Thank you Michelle and Jaime. It does take a lot of effort to parent this way- but I know that not only my child benefits, but I’m becoming a better human being because of it. I appreciate your comments.

Jaime says:

There are a lot of good points in this post. I don’t think it is lazy parenting at all. I think it probably takes more effort to actually stop and think about the language you are using with your child and to take a step back and not intervene in certain situations. My daughter is 27 months and I never formally taught her to say “please”, “thank you” or “I’m sorry”, in fact it felt really artificial to prompt her to do so. However, she uses all three daily in her interactions with people; my guess is she hears me use these words and the context in which I use them. I think one of the biggest learning tools for our children is the example we set for them. You can teach a parrot to say any word or phrase, but it lacks meaning when there is no feeling or comprehension behind it.

I completely disagree.
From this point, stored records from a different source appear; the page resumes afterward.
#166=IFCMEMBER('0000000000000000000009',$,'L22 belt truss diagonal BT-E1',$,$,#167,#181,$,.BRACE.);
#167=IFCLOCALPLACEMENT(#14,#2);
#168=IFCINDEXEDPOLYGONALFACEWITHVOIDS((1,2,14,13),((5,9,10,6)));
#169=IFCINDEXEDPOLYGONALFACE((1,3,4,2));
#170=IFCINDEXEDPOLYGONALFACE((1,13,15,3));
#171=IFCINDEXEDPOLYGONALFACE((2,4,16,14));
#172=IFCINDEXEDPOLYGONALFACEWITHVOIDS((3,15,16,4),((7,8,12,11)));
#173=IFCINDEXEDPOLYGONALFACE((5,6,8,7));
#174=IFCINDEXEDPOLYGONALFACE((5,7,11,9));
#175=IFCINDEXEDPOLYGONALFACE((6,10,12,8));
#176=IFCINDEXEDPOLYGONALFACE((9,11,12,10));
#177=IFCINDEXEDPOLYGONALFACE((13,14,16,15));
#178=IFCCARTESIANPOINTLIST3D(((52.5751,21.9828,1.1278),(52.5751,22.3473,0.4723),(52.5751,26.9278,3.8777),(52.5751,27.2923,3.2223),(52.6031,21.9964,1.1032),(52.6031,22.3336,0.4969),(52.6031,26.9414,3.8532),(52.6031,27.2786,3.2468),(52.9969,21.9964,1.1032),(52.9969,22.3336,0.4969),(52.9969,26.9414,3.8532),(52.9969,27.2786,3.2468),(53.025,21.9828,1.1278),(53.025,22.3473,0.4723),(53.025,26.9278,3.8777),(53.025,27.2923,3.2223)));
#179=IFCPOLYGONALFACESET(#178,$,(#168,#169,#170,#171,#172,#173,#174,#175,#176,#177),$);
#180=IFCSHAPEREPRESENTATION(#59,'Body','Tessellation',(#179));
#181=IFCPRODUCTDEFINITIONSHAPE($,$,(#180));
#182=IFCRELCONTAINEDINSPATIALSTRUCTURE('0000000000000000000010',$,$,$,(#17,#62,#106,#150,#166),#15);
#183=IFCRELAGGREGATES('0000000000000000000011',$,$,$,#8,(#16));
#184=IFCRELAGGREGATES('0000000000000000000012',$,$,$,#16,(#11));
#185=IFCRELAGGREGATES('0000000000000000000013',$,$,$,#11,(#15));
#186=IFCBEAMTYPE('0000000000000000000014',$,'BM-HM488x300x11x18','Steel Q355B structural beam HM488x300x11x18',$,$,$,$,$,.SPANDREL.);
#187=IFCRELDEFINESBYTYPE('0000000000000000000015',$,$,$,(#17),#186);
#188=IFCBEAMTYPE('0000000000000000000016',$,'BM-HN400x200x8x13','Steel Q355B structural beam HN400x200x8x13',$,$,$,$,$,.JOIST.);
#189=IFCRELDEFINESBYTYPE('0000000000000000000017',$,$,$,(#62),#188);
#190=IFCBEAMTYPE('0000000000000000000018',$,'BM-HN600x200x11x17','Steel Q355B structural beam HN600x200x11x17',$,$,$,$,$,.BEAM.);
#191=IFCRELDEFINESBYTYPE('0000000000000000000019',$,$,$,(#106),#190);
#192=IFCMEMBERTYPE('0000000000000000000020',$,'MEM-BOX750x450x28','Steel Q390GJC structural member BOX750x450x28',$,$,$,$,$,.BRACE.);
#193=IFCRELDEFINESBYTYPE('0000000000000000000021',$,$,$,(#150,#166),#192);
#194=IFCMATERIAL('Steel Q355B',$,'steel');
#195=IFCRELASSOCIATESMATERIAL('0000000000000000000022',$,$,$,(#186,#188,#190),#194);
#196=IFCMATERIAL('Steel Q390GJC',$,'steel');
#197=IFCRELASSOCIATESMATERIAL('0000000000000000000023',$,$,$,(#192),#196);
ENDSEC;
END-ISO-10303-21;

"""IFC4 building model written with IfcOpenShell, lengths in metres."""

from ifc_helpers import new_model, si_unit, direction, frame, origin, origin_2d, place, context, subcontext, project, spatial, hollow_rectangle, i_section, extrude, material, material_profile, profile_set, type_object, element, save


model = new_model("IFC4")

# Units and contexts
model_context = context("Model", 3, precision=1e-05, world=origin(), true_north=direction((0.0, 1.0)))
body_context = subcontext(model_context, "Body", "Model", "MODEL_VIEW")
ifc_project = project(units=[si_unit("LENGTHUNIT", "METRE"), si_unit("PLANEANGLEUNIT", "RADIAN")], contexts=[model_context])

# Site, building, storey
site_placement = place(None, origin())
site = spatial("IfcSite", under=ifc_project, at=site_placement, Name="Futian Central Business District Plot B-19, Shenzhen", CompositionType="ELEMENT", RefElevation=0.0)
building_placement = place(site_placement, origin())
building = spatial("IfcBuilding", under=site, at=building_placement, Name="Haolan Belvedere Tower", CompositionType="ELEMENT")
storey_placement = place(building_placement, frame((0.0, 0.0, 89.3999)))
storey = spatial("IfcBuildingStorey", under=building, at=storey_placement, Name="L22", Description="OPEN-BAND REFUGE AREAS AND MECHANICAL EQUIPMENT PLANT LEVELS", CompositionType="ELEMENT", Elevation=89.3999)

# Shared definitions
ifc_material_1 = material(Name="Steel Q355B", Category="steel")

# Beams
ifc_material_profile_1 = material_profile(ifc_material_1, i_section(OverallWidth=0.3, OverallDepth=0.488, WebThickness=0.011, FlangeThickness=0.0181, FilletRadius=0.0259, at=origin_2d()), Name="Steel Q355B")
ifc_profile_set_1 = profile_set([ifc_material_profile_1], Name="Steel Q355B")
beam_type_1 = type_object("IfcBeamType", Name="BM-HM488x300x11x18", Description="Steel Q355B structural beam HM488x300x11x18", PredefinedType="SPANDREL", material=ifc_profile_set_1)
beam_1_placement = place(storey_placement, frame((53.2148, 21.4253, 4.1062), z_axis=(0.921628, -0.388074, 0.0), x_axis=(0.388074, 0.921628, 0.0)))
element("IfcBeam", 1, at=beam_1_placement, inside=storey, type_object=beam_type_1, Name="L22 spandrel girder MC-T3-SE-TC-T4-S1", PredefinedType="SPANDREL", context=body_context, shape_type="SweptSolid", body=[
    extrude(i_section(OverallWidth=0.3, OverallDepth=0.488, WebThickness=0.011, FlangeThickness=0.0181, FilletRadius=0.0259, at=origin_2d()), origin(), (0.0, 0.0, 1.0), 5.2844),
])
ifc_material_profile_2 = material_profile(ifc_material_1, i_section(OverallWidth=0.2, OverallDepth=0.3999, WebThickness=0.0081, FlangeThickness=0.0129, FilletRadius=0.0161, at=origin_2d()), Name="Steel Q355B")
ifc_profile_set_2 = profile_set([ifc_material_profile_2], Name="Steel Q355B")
A child is not going to learn manners if they aren’t taught when to say “sorry” and “thank you”. A child is not going to magically figure out how to properly function in society without guidance. I was almost offended by this. Idle parenting or lazy parenting?

The way we parent is the opposite of lazy parenting. We think about nearly every word that we use with our son, as well as with each other. We strongly believe in these principles and we are witnessing our son becoming a person who treats others with respect. He doesn’t grab or hit; and he shares, without us telling him to. He watches his parents express real gratitude when he hears us use ‘Please’ and ‘Thank You’ and by our modeling our son consistently says Please- even when he’s asking to breastfeed. I can only speak from my experience, but this seems to be working just as I thought it would.